# Ideological Husband



## Octavia4 (Sep 30, 2015)

I’ve been married to my husband for 10 years. In recent years, he has become increasingly politically ideological, specifically over the Affordable Care Act. He’s enraged over having to either purchase health insurance or pay a fine. He’s been watching the news obsessively, hoping Congress will repeal the bill or that it will be deemed unconstitutional. Last night, he informed me that he is planning to either face jail time (I realize that failure to pay the fee results only in the IRS withholding a refund rather than prison, but I think he’ll escalate and stop paying taxes) or change his citizenship and move to Mexico (one parent is a Mexican citizen). He told me he is not making immediate plans to do either action until after the 2016 election, but that if Obamacare is not repealed, he will start making preparations. I know him well enough to know that he’s not bluffing – he has been researching all of these things extensively in his spare time and is likely to follow through. 
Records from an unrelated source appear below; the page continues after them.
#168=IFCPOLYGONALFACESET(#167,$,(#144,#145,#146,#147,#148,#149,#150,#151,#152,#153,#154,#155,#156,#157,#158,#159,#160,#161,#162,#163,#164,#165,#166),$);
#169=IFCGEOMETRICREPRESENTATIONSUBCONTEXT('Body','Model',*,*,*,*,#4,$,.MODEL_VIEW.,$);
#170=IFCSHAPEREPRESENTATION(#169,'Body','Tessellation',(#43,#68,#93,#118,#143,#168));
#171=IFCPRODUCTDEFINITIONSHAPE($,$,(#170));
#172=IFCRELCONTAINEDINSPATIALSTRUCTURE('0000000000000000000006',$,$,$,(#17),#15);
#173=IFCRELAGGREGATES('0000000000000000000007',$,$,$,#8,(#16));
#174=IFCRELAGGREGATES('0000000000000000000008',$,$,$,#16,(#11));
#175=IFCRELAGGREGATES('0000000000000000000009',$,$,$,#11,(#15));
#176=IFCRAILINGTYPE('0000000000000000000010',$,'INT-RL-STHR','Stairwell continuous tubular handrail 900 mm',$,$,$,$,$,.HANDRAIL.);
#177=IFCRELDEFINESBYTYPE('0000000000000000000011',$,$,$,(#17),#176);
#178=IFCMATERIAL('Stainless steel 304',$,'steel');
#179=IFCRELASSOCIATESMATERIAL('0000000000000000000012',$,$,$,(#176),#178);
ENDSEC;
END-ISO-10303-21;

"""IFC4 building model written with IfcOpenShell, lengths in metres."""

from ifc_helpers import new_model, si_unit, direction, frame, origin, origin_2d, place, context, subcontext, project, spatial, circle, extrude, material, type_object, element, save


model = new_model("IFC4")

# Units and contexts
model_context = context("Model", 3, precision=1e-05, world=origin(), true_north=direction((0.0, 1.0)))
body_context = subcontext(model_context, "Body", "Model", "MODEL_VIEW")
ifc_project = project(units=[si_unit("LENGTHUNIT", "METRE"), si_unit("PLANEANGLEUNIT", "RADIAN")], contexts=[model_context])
I am not on board with this. I don’t share his zealotry. We don’t have kids, but we do have a house and assets. Yeah, I’m not thrilled about the state of health insurance in this country, but this is my home and I have no interest in emigrating. And I don’t want to see everything we’ve built go to lawyers and lose my partner to prison. My family is telling me to lawyer up and get out now. His family sympathizes with me, but no one is willing to confront him and try to make him see reason. I told him I would not support either of those actions and he calmly informed me that we would get a divorce, though he “hoped it wouldn’t come to that.” He kept saying that “none of this was my choice”. 

I don’t know what to do. Wait it out and see? Try to stage an intervention? Just cut my losses and get out? I’m devastated contemplating the loss of my husband. I’m also stunned, angry, and deeply hurt that he’d be willing to give up our marriage for the sake of his political views. I know he sees this as some great civil rights battle, but to me, it seems stupid and petty. He has a long history of getting sucked into long, drawn out legal battles over really weird, petty things (speeding tickets, late tax returns, HOA stuff) – he’s taken entire days off of work to write long legal defenses – and no, he’s not an attorney. Is this a mental illness issue? 

I know no one has a ready-made answer for me, but some insight would be appreciated. I don’t know anyone dealing with this situation and I feel so isolated.


----------



## tech-novelist (May 15, 2014)

Octavia4 said:


> I’ve been married to my husband for 10 years. In recent years, he has become increasingly politically ideological, specifically over the Affordable Care Act. He’s enraged over having to either purchase health insurance or pay a fine. He’s been watching the news obsessively, hoping Congress will repeal the bill or that it will be deemed unconstitutional. Last night, he informed me that he is planning to either face jail time (I realize that failure to pay the fee results only in the IRS withholding a refund rather than prison, but I think he’ll escalate and stop paying taxes) or change his citizenship and move to Mexico (one parent is a Mexican citizen). He told me he is not making immediate plans to do either action until after the 2016 election, but that if Obamacare is not repealed, he will start making preparations. I know him well enough to know that he’s not bluffing – he has been researching all of these things extensively in his spare time and is likely to follow through.
> 
> I am not on board with this. I don’t share his zealotry. We don’t have kids, but we do have a house and assets. Yeah, I’m not thrilled about the state of health insurance in this country, but this is my home and I have no interest in emigrating. And I don’t want to see everything we’ve built go to lawyers and lose my partner to prison. My family is telling me to lawyer up and get out now. His family sympathizes with me, but no one is willing to confront him and try to make him see reason. I told him I would not support either of those actions and he calmly informed me that we would get a divorce, though he “hoped it wouldn’t come to that.” He kept saying that “none of this was my choice”.
> 
> ...


I can actually sympathize with your husband's position to some extent, because I'm pretty unhappy with the way things are headed politically in this country, and have done quite a bit of research on emigration.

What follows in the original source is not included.